Monday, March 24, 2008

CBO - Between a rock and a hard place…

As the Central Bank suffers from the dollar peg (effectively handing control of Oman's monetary policy to the Federal Reserve of the USA), they are thus being forced to act on a micro-scale wherever possible. Today they moved to lower the cap on personal loan interest rates to 'ease the plight of borrowers' (according to the radio report this morning). I'm not sure a 5% cut in the interest rate (from 9% to 8.5%) will have much of an effect, but I guess every bit helps. Especially as it seems, talking to friends and colleagues that many ‘middle class’ Omanis are in debt up to their eyeballs, with loans for cars, houses, weddings, school fees, holidays, credit cards, etc.

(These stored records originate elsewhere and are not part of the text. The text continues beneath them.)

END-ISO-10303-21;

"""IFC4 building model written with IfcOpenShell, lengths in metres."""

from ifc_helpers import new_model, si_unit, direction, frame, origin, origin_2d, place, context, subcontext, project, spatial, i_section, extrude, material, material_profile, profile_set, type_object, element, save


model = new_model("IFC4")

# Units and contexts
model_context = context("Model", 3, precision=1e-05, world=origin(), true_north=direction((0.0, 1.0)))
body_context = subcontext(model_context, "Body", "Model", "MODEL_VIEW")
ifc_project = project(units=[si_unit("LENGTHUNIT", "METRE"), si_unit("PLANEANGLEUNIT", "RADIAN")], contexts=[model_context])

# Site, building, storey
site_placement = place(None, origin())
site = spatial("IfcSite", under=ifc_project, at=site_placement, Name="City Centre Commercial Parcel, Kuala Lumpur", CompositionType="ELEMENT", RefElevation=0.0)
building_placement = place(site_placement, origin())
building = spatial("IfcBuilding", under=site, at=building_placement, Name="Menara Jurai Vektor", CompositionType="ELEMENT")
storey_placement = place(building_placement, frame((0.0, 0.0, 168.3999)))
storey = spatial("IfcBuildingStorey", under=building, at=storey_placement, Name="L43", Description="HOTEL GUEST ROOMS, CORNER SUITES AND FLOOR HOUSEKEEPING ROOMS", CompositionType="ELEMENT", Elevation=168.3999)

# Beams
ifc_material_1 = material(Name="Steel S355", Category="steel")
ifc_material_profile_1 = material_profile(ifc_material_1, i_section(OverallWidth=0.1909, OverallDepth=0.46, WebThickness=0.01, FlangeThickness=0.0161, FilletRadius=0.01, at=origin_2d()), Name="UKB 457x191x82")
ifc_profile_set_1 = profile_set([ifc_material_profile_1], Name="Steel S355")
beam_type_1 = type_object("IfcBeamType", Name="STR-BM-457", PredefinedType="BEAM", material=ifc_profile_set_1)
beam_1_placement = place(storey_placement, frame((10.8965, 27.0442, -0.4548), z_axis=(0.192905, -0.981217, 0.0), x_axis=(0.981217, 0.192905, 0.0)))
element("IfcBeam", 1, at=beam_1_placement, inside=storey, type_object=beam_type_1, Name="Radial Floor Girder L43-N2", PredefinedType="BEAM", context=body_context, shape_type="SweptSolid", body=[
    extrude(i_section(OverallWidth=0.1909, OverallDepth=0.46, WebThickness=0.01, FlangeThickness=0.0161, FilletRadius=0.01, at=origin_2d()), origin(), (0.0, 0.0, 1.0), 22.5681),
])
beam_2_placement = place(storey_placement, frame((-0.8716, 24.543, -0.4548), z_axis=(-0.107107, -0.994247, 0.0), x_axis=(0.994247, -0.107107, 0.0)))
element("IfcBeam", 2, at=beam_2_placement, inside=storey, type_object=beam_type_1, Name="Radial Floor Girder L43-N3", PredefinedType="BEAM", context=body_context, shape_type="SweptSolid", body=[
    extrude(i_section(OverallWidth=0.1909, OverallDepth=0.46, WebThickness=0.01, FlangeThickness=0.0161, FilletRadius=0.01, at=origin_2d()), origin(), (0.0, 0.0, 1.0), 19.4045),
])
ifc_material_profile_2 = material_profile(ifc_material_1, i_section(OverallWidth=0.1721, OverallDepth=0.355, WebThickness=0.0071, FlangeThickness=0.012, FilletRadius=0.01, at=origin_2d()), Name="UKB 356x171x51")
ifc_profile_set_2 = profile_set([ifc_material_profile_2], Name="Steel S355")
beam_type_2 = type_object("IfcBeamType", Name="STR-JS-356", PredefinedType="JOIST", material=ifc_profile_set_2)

Unfortunately, cutting loan rates will just act to further boost liquidity, which is the last thing Oman needs right now. Excess cash, peg to weak dollar fuel Gulf inflation
CBO board cuts interest rates on personal loans
Sunday, March 23, 2008 11:07:52 PM Oman Time
MUSCAT — The Central Bank of Oman’s board of governors yesterday held its first meeting of the year chaired by Dr Ali bin Mohammed bin Moosa, health minister and deputy chairman of CBO’s board of governors.

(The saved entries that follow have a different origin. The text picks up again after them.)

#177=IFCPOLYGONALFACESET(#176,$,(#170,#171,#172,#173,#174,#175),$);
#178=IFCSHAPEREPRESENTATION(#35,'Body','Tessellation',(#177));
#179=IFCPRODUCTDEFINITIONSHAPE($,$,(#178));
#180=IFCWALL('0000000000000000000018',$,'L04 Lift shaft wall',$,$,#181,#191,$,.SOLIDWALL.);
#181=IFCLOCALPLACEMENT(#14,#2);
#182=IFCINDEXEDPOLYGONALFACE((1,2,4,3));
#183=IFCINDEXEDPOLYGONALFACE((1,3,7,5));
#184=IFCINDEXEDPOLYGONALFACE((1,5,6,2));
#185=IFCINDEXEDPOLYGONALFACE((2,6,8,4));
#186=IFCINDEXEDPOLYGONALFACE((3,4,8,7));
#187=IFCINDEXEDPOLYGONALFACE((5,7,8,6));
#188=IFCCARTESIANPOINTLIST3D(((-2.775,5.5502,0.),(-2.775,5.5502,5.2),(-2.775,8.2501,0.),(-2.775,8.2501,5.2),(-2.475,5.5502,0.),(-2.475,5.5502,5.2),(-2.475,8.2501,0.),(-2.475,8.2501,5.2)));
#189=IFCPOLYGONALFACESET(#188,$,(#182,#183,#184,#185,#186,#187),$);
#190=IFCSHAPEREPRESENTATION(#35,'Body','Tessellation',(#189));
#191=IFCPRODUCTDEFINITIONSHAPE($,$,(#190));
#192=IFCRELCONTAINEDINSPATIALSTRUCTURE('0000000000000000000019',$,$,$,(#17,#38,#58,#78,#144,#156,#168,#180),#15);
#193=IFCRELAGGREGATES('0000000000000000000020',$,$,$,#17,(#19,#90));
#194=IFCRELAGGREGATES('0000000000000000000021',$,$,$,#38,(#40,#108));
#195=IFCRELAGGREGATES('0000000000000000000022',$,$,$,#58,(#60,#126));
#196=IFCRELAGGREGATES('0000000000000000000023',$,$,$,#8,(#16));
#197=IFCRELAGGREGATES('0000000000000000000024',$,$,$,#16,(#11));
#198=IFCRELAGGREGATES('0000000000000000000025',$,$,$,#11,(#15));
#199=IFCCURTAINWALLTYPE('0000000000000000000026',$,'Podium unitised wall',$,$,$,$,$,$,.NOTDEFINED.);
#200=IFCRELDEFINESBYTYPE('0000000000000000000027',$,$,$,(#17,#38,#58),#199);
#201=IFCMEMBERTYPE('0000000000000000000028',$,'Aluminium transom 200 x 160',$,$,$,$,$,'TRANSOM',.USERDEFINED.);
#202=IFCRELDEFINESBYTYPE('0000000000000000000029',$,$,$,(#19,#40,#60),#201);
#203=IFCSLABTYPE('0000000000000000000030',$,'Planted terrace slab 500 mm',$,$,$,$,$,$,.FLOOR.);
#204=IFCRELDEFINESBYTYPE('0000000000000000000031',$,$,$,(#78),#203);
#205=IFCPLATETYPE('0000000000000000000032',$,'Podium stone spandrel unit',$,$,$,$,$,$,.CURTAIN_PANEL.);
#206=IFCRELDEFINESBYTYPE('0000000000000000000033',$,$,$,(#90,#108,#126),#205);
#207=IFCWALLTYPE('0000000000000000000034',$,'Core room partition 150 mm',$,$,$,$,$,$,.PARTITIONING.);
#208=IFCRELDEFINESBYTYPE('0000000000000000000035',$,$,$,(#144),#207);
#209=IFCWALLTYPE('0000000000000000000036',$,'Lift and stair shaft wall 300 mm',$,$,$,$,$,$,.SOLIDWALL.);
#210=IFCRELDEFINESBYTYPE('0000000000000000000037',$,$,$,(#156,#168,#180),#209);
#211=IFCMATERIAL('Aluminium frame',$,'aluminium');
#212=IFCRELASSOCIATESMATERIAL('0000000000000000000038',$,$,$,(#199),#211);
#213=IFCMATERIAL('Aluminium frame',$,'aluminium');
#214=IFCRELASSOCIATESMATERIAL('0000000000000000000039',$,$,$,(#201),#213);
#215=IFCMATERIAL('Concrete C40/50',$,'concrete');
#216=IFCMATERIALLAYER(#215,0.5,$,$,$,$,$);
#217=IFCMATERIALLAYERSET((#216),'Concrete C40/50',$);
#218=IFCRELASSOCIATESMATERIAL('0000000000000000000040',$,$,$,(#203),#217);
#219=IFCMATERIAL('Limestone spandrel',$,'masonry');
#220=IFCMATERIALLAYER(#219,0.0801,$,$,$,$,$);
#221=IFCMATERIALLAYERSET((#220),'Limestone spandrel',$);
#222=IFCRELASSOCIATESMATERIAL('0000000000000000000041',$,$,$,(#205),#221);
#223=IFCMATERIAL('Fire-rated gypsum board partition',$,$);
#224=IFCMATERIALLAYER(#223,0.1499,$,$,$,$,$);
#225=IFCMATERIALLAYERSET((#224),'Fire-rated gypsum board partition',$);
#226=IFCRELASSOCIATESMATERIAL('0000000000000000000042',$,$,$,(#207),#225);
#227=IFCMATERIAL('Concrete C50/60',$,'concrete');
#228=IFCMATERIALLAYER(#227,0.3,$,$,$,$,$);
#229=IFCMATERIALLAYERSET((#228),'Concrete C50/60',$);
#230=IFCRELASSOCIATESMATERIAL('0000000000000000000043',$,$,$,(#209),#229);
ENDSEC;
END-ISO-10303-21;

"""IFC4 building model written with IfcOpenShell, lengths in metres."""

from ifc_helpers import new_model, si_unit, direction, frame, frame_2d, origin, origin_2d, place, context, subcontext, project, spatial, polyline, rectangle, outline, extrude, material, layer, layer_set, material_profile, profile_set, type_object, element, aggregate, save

The board has reduced the interest rate ceiling on new personal loans offered by commercial banks operating in the Sultanate from 9 per cent to 8.5 per cent per annum starting from April 1.
Times Of Oman article

It will also serve to slightly reduce the profitability of banks operating in Oman. Although given their stellar share prices lately, that doesn't seem a huge issue. Being able to borrow in dollars at circa 4% with zero (or even negative) exchange rate risk, and loan it out in rials at 9% (+ a multiplier) seems like a license to print money indeed. Although I assume, while the default rate is never publicized here, it must be relatively high. Oman is also still a country where people are expected to actually pay a fee to own a credit card, something I'm still not used to.
At the same time as its boosting liquidity via rates, the CBO is trying to mop up some liquidity via certificates of Deposit, aka Government bonds. CBO raises RO215m through CDs. They have also lately raised the amount of cash that banks have to hold, again to try and reduce liquidity somewhat.
The CBO seem to be doing everything they can, which is certainly better than nothing, but its unlikely to be enough, as it's all on the margin when compared to a domestic money supply racing away at ~30%+ growth. It's like bailing a leaky boat with a teaspoon.

7 comments:

  1. "Being able to borrow in dollars at circa 4% with zero (or even negative) exchange rate risk, and loan it out in rials at 9% (+ a multiplier) seems like a license to print money indeed."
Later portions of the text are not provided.